Afghanistan's Taliban government does not recognise the three female athletes who will represent the country at the Paris Olympics this month, a spokesman for its sports department said.
The International Olympic Committee (IOC) has invited a team of six Afghan athletes (three women and three men) in consultation with Afghanistan's largely exiled national Olympic committee.
“Only three athletes are representing Afghanistan,” said Atal Mashwani, spokesman for the Taliban government's sports directorate, referring to the male competitors.
“Currently, girls' sports have been suspended in Afghanistan. If they don't play, how can they be part of the national team?” she said. AFP.
The three female and two male athletes live outside Afghanistan.
The only one training in the country is a judoka, while his teammates will participate in athletics and swimming.
Women will compete in athletics and cycling.
The IOC said it had not consulted Taliban officials about the team and that they were not invited to the games.
Spokesman Mark Adams confirmed last month that the Afghanistan National Olympic Committee — including the president and secretary general, both living in exile — remain “their sole interlocutors for the preparation and participation of the Afghan team.”
But the Afghan committee's executive director, Dad Mohammad Payenda Akhtari, who is still in the country, said that while female athletes were organized abroad, his committee was coordinating with Taliban authorities regarding male athletes.
Mashwani said the government was supporting them with training and scholarships.
“We only take responsibility for three male athletes participating in the Olympic Games,” he said. AFP.
Participants will compete under the black, red and green flag of the former Western-backed government that collapsed following the withdrawal of US troops three years ago.

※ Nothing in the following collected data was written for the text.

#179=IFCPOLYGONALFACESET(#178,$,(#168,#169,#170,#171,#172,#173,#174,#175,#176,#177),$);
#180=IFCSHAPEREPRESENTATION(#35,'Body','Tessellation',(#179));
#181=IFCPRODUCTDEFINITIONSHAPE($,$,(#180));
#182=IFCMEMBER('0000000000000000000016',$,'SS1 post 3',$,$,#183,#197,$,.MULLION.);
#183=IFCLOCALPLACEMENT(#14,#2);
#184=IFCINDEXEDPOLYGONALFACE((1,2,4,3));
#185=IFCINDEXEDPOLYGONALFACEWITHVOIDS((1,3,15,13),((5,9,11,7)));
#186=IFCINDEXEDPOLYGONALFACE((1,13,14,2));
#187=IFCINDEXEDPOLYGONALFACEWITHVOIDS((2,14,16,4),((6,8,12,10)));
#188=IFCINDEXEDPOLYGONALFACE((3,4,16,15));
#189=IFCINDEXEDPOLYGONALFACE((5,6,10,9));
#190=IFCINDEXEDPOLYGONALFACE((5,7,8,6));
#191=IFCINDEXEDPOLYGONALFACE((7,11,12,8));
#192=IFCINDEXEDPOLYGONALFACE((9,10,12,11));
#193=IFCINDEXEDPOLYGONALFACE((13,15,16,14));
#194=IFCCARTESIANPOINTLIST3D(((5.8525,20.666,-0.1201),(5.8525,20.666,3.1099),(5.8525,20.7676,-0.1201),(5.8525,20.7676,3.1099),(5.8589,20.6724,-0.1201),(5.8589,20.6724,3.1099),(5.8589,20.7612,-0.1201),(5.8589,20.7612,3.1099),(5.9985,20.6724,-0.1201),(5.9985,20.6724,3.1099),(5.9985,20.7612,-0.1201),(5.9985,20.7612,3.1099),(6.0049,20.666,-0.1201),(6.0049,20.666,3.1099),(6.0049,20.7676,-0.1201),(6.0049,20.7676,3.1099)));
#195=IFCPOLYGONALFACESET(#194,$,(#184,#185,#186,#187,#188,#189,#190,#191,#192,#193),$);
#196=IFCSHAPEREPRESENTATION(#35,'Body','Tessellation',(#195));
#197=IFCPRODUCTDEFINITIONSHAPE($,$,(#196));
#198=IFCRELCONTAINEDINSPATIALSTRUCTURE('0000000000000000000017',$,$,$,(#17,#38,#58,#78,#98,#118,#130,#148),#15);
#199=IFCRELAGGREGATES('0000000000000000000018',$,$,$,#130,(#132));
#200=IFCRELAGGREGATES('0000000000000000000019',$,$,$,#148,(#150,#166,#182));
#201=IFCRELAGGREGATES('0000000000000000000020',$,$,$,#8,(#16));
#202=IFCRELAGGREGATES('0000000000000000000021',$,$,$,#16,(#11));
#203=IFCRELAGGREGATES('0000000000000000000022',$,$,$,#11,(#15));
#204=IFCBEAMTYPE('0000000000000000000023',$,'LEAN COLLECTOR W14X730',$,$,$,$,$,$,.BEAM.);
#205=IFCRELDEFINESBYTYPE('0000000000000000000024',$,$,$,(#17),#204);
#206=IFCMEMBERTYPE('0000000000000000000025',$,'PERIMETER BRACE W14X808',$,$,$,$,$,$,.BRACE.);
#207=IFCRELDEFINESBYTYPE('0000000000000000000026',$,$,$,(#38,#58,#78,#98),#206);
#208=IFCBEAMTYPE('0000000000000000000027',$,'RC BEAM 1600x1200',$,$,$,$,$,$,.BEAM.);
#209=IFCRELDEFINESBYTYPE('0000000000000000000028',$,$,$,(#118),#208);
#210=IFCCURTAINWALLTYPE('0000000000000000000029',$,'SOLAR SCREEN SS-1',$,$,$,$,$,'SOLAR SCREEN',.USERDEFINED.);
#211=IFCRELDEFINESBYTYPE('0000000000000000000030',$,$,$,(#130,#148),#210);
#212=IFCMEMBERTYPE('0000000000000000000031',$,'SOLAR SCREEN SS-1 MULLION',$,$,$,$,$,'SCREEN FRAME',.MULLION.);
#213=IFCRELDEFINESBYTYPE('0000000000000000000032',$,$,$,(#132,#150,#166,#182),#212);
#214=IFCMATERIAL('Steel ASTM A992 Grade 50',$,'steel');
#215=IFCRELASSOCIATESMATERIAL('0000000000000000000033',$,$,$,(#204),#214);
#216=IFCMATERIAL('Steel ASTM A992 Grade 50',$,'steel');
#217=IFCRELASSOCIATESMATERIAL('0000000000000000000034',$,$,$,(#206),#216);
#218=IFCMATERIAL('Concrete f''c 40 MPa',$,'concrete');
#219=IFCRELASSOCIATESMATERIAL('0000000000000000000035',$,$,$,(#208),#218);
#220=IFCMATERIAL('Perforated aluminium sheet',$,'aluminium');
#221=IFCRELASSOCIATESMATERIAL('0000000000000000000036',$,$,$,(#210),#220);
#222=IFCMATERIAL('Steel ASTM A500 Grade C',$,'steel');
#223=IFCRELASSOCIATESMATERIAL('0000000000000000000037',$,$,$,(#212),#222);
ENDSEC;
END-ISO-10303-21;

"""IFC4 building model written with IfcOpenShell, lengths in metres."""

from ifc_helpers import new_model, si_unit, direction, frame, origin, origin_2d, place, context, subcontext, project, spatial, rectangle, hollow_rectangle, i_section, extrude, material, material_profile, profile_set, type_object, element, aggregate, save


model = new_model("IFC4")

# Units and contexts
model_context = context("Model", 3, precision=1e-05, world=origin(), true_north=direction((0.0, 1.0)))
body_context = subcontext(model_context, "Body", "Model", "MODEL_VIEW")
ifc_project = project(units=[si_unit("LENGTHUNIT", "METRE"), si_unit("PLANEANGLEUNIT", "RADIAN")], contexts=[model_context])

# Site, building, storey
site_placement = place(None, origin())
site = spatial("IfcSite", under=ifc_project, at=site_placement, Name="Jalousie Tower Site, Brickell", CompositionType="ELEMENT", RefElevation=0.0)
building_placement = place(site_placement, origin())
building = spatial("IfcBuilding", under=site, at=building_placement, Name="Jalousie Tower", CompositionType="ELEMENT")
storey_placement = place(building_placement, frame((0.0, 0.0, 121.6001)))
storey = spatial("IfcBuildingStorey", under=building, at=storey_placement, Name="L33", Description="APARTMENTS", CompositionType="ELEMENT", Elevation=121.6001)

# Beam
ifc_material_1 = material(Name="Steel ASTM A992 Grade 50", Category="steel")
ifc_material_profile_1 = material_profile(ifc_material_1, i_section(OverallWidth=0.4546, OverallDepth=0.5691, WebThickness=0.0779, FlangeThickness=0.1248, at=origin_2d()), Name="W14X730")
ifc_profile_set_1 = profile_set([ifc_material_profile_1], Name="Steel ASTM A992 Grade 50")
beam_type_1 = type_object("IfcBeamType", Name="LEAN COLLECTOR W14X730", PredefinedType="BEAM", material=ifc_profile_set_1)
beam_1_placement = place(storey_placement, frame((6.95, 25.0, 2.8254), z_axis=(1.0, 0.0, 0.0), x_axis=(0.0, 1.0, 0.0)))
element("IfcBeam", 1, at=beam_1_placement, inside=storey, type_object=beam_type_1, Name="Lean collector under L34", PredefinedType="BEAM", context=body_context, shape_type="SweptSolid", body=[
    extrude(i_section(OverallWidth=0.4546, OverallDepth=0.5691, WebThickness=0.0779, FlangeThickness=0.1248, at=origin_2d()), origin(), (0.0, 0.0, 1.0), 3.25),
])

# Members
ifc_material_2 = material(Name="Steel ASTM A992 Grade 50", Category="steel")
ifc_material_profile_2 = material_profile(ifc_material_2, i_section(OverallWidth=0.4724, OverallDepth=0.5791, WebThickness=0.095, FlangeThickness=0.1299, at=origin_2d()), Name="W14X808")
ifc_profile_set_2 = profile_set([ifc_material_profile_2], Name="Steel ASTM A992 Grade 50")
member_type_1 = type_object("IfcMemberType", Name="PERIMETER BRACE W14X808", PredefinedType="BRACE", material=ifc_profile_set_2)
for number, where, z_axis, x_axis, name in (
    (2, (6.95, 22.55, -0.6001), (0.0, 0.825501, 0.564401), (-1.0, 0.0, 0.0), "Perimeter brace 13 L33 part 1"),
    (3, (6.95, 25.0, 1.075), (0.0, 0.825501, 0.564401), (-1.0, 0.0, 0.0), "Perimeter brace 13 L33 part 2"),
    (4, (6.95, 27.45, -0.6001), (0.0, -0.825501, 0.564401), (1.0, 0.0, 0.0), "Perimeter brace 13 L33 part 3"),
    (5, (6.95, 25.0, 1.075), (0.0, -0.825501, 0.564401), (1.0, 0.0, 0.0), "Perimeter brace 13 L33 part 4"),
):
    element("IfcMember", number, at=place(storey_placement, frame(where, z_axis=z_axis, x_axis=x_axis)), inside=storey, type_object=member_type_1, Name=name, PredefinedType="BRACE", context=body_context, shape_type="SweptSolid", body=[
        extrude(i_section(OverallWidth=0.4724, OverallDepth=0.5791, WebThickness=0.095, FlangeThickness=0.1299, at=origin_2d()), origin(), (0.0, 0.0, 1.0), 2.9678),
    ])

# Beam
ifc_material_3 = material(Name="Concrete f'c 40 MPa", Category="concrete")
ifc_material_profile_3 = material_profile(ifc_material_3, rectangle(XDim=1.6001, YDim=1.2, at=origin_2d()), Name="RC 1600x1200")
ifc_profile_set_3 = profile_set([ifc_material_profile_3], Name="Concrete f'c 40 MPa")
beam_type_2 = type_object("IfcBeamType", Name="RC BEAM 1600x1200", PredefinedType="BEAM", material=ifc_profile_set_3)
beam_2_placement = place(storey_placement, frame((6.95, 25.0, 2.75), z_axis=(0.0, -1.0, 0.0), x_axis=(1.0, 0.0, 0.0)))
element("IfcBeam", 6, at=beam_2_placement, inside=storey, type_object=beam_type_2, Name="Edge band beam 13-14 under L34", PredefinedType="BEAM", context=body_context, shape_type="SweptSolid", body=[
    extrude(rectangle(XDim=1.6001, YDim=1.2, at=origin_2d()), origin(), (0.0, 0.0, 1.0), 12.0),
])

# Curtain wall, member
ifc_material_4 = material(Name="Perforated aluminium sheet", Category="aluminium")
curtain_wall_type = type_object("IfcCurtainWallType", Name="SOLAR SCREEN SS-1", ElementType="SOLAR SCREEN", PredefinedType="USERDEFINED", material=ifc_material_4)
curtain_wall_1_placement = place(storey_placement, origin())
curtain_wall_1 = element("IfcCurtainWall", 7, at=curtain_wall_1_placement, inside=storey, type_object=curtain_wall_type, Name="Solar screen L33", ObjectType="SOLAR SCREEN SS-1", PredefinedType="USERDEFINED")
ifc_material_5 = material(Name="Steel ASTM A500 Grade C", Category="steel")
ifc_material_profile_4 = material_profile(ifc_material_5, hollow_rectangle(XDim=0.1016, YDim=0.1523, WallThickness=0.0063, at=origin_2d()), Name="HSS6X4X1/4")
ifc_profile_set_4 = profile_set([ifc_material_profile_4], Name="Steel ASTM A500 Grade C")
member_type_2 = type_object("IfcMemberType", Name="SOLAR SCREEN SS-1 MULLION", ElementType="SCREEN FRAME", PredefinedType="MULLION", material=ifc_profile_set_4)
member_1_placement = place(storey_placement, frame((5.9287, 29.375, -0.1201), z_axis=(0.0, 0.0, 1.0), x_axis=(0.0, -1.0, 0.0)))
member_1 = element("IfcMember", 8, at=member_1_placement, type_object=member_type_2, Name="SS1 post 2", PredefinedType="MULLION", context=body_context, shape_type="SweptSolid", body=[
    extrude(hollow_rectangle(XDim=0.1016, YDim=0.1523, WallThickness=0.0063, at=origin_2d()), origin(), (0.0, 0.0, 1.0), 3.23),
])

Since returning to power in 2021, the Taliban government has imposed restrictions that exclude women from sports, as well as from secondary schools and universities.
The United Nations has called the restrictions “gender apartheid.”
The IOC banned Afghanistan from participating in the Games in 1999, during the first period of Taliban rule between 1996 and 2001, when women were also excluded from sports.
Afghanistan was re-established after the Taliban were driven out by the post-9/11 invasion, but the Paris Games mark the first Summer Olympics since their return.
This time, the IOC has taken a different approach, approving the Afghan team under a system that ensures all 206 nations are represented, in cases where athletes would otherwise not qualify.